Wait there's more badges
Oh, the review badge. Duh
@Tsundoku Why are they difficult?
 
7:53 PM
It's just hard to find anything about them on the internet.
 
Ah, I see
I shall look into them after my game
 
Never mind, Gifford had already been filled in. I have also found some basic info on the other three, but not much more than years of birth and death. No works, nor anything about the language they wrote in.

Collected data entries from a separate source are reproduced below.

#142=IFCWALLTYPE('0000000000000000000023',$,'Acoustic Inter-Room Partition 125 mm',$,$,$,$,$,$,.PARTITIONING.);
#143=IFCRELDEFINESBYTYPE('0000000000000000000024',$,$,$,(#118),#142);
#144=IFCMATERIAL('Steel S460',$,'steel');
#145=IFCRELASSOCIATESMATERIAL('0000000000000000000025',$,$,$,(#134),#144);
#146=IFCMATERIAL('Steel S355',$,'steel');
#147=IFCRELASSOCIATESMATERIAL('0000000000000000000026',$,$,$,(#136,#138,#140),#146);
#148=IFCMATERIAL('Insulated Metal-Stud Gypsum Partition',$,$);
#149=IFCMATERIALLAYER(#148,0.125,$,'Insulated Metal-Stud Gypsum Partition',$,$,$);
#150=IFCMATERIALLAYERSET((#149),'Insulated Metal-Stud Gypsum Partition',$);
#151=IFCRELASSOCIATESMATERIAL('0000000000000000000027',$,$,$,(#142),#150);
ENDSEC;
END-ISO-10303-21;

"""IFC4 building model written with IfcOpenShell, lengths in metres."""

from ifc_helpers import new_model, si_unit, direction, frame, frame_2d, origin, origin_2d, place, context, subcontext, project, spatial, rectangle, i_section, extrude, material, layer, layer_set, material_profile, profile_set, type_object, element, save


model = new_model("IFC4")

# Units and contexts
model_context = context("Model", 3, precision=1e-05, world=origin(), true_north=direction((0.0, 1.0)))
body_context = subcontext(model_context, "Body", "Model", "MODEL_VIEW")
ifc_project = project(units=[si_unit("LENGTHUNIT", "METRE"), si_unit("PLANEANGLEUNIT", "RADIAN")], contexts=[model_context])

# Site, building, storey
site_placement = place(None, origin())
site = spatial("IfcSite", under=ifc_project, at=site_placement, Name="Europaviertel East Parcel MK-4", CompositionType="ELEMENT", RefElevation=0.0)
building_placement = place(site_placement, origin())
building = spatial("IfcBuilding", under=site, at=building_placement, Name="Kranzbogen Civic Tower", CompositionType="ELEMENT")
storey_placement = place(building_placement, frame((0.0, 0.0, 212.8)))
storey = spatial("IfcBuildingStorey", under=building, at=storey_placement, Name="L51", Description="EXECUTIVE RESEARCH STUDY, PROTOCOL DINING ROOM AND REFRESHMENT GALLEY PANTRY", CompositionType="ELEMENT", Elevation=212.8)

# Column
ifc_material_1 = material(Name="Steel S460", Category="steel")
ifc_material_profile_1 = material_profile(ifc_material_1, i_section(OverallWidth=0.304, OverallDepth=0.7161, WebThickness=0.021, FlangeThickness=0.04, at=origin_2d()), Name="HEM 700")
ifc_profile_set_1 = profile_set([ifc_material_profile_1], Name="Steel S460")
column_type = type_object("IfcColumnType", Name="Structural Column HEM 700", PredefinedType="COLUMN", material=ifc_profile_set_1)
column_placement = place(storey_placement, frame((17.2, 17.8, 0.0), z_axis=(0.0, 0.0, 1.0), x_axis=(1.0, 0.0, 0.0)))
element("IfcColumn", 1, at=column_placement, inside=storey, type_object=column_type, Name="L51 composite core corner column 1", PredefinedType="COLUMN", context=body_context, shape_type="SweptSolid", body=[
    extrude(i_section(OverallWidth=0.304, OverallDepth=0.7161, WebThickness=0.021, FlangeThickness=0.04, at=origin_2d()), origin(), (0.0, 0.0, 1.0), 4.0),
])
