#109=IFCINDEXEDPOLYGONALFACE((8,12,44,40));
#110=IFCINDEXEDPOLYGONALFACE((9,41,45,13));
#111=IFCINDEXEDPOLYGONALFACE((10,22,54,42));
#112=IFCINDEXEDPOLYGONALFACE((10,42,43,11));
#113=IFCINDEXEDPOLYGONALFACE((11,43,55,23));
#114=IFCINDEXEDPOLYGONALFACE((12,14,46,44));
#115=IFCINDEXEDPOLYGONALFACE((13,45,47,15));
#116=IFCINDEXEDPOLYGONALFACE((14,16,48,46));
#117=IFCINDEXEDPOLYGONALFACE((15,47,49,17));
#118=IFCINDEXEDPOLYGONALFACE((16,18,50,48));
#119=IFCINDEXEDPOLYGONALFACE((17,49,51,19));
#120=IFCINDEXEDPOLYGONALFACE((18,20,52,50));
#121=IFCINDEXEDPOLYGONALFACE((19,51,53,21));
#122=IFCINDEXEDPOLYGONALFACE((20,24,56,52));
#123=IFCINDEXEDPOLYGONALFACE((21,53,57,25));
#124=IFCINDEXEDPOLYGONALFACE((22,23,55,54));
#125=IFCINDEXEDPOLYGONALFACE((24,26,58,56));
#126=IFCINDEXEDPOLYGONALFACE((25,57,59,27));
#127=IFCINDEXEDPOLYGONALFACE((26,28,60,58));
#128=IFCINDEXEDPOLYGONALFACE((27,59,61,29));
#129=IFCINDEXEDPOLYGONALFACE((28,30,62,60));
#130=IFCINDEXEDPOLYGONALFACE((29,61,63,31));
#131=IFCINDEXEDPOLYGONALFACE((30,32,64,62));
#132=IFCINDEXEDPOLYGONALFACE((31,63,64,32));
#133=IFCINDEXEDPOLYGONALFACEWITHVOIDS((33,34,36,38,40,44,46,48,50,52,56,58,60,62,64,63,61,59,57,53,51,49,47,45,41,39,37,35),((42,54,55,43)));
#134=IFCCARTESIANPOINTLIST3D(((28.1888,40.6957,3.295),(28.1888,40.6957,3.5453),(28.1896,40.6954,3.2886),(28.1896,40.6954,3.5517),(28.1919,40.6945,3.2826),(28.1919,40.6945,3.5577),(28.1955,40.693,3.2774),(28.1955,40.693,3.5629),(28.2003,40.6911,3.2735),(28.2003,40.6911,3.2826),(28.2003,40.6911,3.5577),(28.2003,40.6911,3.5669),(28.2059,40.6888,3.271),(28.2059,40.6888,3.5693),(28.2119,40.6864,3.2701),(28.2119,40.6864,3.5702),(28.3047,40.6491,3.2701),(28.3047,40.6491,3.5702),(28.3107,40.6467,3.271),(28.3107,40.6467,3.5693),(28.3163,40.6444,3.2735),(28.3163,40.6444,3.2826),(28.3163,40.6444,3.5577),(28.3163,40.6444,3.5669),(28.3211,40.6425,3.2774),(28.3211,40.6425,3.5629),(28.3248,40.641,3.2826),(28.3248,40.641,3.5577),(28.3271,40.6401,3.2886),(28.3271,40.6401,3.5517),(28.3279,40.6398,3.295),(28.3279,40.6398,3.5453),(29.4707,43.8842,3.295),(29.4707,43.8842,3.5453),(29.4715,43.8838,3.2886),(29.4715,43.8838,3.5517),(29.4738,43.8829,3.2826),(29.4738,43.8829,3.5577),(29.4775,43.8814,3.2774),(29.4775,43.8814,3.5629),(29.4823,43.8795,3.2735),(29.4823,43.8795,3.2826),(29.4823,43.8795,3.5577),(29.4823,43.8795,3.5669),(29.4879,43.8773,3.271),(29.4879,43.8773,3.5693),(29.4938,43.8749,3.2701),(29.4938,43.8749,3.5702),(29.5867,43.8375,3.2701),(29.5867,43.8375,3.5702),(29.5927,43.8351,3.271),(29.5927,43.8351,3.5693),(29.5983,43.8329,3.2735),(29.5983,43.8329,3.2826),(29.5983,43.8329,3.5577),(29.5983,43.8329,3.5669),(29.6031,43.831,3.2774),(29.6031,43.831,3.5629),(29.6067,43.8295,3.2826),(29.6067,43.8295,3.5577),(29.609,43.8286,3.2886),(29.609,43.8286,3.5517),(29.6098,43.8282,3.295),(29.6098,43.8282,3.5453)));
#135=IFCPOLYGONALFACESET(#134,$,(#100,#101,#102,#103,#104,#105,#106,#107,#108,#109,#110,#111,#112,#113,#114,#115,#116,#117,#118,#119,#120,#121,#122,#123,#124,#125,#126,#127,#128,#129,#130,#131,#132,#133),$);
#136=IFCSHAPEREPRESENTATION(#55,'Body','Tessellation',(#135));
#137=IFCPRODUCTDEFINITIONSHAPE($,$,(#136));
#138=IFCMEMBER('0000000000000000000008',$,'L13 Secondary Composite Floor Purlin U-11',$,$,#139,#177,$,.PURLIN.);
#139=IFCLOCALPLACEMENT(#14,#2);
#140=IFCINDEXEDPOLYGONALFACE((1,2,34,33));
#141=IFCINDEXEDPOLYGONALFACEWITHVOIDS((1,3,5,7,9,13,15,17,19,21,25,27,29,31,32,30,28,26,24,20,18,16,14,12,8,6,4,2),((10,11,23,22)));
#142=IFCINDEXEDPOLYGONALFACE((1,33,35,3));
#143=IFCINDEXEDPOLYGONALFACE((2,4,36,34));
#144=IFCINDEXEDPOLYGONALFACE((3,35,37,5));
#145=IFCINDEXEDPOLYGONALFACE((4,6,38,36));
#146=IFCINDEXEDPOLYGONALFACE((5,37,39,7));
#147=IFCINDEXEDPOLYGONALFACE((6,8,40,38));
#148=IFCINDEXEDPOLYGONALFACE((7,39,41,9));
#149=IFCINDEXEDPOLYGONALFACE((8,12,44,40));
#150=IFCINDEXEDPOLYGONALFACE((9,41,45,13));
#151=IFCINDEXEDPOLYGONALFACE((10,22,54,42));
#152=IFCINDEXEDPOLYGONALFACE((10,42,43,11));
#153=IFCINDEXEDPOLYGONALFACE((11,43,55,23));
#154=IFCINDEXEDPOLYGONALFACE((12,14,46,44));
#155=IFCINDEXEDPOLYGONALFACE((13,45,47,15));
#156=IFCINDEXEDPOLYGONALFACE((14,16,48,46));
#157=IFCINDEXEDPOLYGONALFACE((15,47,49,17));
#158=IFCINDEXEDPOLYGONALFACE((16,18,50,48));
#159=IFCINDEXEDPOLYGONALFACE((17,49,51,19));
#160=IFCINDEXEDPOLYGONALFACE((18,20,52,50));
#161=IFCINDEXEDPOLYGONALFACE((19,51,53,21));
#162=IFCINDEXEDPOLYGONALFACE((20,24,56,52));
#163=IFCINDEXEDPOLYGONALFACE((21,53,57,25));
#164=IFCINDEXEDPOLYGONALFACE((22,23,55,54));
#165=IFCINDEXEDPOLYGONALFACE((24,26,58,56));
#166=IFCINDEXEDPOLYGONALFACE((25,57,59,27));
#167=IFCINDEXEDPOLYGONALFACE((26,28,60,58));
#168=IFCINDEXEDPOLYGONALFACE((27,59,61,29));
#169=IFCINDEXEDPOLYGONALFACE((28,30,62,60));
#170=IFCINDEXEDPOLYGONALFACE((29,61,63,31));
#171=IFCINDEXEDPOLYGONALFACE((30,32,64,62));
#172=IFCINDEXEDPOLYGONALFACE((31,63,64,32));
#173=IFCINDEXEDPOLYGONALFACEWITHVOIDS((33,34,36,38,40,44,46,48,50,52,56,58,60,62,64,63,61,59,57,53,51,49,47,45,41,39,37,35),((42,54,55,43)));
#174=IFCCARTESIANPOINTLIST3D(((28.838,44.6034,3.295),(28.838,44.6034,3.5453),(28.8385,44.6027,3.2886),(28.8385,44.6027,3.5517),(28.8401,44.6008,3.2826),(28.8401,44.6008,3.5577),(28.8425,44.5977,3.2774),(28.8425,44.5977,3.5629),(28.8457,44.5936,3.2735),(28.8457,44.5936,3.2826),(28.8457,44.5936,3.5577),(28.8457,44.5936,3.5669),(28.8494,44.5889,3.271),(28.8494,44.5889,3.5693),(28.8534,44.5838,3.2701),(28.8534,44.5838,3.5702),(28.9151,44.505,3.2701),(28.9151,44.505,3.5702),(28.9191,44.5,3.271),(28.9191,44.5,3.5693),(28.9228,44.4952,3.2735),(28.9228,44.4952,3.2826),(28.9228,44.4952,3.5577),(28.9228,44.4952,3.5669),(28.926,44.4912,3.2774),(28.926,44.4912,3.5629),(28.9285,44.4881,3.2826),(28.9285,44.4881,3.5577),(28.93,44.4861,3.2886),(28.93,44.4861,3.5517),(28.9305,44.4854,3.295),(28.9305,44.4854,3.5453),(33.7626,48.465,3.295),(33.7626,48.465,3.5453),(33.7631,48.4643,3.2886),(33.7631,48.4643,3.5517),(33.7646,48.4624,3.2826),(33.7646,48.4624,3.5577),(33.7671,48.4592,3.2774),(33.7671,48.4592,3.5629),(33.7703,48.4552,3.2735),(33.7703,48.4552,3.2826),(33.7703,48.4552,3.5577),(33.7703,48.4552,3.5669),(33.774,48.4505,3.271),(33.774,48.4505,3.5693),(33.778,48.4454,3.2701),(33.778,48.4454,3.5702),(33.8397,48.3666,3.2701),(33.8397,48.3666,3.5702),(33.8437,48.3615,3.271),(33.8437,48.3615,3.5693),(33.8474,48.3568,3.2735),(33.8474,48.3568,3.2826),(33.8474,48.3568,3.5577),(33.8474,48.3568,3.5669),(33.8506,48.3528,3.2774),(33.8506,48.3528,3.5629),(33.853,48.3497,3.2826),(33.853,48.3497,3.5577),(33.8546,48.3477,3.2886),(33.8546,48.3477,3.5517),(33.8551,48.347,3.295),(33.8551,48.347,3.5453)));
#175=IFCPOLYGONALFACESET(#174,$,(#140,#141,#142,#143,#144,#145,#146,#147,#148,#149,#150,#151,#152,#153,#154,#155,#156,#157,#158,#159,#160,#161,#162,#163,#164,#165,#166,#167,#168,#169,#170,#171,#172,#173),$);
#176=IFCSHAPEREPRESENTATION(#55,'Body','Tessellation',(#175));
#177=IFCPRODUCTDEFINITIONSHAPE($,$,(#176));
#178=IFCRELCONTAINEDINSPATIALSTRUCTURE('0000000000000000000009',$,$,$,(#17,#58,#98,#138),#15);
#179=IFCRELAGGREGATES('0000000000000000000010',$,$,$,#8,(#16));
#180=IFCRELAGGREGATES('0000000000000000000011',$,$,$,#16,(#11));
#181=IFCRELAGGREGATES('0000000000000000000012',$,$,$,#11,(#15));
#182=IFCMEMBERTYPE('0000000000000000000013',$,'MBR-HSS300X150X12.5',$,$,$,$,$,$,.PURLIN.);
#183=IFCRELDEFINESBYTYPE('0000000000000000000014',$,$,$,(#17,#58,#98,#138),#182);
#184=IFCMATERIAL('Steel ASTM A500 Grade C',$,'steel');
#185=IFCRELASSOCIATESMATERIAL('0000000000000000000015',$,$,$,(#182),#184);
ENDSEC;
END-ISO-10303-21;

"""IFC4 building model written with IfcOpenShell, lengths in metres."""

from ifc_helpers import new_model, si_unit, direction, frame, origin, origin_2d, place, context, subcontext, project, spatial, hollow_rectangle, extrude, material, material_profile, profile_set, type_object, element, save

I'm looking for a new job. I had a conversation with the founder of a small consultancy, hardly a formal interview. It's just a matter of agreeing on what I might get paid...
 
8:16 PM
Oooh good luck!
 
And next Monday I have a proper job interview with a different company. We'll see what they have to offer.
 
Good luck! I hope you get a good offer
What does the job entail?
 
It's consultancy, training and audits for digital accessibility, i.e. making sure that websites and electronic documents (and sometimes apps) are accessible for people with disabilities.
 
8:34 PM
Oooh
That sounds like a cool job
 
We'll see how well I manage the transition from the academic world to consultancy. Might be a bit of a culture shock.
 
@Tsundoku I've quoted that in a comment
 
With proper attribution :-)
 
Indeed
 
Strictly speaking, if there is research on how specific types of literature are received among certain audiences, the question is perfectly objective. But I haven't read that type of research yet.
Something like this, possibly: Students’ genre expectations and the effects of text cohesion on reading comprehension. Nothing about Mary Sue, though.